Archive for the ‘General’ Category

The Single Web Page Experiment

Friday, July 21st, 2006

The Single Web Page Experiment is going really well. With a dedicated domain name and a page of highly focused content I’ve managed to get this page into the Google top 5 for a fairly solid three word search combination. I’m not sure how long it will be there, but that’s the other half of the battle. Here are the main points behind the design:

  • As mentioned above the domain name and content are highly focused
  • The title reflects the intended keyword (note that I chose a singular and not the plural for “web page”)
  • meta tags are all in-sync with the theme
  • HTML is all validated

I also took a few minutes to do some self-promoting and posted links from:

Total invested time: about fours hours including the site validation and promoting. The site was started on July 2nd, 2006 and achieved its goal position on July 20th, 2006.

Total profit so far: none – yet. The domain name is for sale if you’re interested…

Referrer Log Hijack

Friday, July 21st, 2006

I administer a lot of sites and have statistics tracking for all of them.
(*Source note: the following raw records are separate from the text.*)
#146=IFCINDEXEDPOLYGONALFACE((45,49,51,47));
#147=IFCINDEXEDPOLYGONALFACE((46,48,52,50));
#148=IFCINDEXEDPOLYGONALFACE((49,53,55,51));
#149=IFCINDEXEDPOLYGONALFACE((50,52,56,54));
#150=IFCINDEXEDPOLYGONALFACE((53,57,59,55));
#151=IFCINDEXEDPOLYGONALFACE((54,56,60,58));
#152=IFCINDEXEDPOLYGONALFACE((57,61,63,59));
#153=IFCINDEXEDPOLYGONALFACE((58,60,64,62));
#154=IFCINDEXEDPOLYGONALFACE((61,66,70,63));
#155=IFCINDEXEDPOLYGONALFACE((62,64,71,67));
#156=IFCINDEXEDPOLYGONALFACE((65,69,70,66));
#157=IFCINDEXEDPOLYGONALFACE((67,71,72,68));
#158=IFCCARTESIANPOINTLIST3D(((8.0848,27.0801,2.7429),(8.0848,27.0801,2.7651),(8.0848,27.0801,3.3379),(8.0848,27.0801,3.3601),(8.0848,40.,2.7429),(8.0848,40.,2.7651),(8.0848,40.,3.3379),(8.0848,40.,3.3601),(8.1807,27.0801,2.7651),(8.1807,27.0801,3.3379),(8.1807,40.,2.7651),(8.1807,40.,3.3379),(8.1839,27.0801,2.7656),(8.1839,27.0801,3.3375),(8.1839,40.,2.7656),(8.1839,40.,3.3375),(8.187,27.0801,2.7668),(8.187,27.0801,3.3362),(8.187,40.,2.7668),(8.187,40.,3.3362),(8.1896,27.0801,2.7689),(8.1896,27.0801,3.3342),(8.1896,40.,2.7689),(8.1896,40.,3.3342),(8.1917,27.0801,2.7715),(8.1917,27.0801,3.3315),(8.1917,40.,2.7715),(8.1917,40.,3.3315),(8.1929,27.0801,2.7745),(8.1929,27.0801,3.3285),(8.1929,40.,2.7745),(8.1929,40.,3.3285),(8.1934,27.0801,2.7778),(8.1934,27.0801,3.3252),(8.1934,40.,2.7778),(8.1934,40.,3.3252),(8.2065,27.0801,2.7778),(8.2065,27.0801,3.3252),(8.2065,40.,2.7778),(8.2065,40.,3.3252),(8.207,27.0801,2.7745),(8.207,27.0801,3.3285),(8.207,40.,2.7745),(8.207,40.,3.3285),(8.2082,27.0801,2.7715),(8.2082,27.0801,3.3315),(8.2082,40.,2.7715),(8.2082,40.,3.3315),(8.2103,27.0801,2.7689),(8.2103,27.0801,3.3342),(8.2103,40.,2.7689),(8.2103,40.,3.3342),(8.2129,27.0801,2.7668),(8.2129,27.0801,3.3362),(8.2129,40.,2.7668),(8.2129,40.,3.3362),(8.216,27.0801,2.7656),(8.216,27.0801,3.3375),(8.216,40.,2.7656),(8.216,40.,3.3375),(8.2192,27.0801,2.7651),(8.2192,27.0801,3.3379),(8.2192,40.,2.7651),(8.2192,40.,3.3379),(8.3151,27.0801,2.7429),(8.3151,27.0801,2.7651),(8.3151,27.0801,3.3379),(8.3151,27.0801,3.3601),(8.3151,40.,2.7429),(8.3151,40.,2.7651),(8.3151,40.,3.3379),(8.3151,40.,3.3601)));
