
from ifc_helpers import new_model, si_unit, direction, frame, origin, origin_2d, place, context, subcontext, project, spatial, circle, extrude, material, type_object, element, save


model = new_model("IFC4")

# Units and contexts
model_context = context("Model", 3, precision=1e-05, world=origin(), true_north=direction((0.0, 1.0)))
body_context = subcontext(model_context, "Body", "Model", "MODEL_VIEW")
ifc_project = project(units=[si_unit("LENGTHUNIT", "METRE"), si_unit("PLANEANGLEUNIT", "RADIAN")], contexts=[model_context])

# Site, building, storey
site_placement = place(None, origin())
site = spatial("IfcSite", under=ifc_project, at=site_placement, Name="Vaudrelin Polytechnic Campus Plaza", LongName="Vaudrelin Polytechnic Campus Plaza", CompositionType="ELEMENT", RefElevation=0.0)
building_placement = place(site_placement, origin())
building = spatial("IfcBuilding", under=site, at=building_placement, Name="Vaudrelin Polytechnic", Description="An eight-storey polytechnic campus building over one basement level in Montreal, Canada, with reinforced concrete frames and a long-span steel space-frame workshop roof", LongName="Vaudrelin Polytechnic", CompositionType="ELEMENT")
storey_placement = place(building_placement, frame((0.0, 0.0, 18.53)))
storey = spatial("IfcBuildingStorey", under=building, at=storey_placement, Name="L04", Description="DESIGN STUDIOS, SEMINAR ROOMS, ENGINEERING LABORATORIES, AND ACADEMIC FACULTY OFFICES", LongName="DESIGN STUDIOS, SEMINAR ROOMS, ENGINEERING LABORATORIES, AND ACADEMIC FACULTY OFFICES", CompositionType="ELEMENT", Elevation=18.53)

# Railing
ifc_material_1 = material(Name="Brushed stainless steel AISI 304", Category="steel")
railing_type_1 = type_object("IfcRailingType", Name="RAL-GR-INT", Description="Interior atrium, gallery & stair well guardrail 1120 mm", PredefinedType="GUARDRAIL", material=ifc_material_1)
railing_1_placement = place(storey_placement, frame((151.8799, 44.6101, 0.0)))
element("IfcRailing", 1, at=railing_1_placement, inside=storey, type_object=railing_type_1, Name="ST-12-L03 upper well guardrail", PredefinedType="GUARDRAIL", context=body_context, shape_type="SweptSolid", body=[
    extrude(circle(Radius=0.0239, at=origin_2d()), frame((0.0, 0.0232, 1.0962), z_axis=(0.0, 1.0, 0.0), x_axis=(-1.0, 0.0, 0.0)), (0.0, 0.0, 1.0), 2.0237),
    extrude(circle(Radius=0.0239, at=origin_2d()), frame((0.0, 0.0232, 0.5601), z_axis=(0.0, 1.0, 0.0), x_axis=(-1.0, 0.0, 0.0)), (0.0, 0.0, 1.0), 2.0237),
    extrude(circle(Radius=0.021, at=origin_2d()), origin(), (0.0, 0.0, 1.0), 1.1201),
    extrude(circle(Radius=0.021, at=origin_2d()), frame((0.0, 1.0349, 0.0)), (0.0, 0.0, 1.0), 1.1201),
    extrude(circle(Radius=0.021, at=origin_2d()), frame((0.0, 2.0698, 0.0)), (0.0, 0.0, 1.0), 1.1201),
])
I use the unix based Webalizer program which gives a nice overview of how the site is doing – unique visitors, page views, most popular URLs, etc. In addition to that, I also use a modified cookie tracking script called Sale Tracked from Down to Earth Scripts (which I guess has changed its name to Astriden) that builds its own log files. That file is intended to give me notification and referrer information when someone buys a product, but I find it handy for getting a quick and dirty look at the last 100 or so visitors to the site in real-time. I’ve posted a sample line below or you can see it in action (temporarily ) on the single web page experiment so visitors can track how the project is coming along.


danifer.com|655|http://www.google.com/search?hl=en&lr=&q=%22danifer%22|Thu Jul 20 16:40:18 CDT 2006|63.173.92.65|Mozilla/4.0 (compatible; MSIE 6.0; Windows NT 5.1; SV1; .NET CLR 1.1.4322; .NET CLR 2.0.50727)


Here’s the problem: some yahoo visited 1km1kt yesterday and left his browser information in my log. Instead of his leaving his browser version (Opera, Mozilla, IE6, etc.) like he’s supposed to, he or some malware software had modified his browser to leave a single line of javascript code code that redirected me to the horrible people at syncrisis.com. The effect was immediate – I tried to view my referrer log in a browser and as soon as it loaded that line of code, I was redirected.

I’m really upset about this and am working on a solution. Today’s hijack was a simple redirect, but it could have been much worse. I’m probably going to have to remove the tracking information from singlewebpage.com because I just can’t allow other users to execute their own scripts on my web pages. That means I’m going to lose a really cool user-experience feature on that site.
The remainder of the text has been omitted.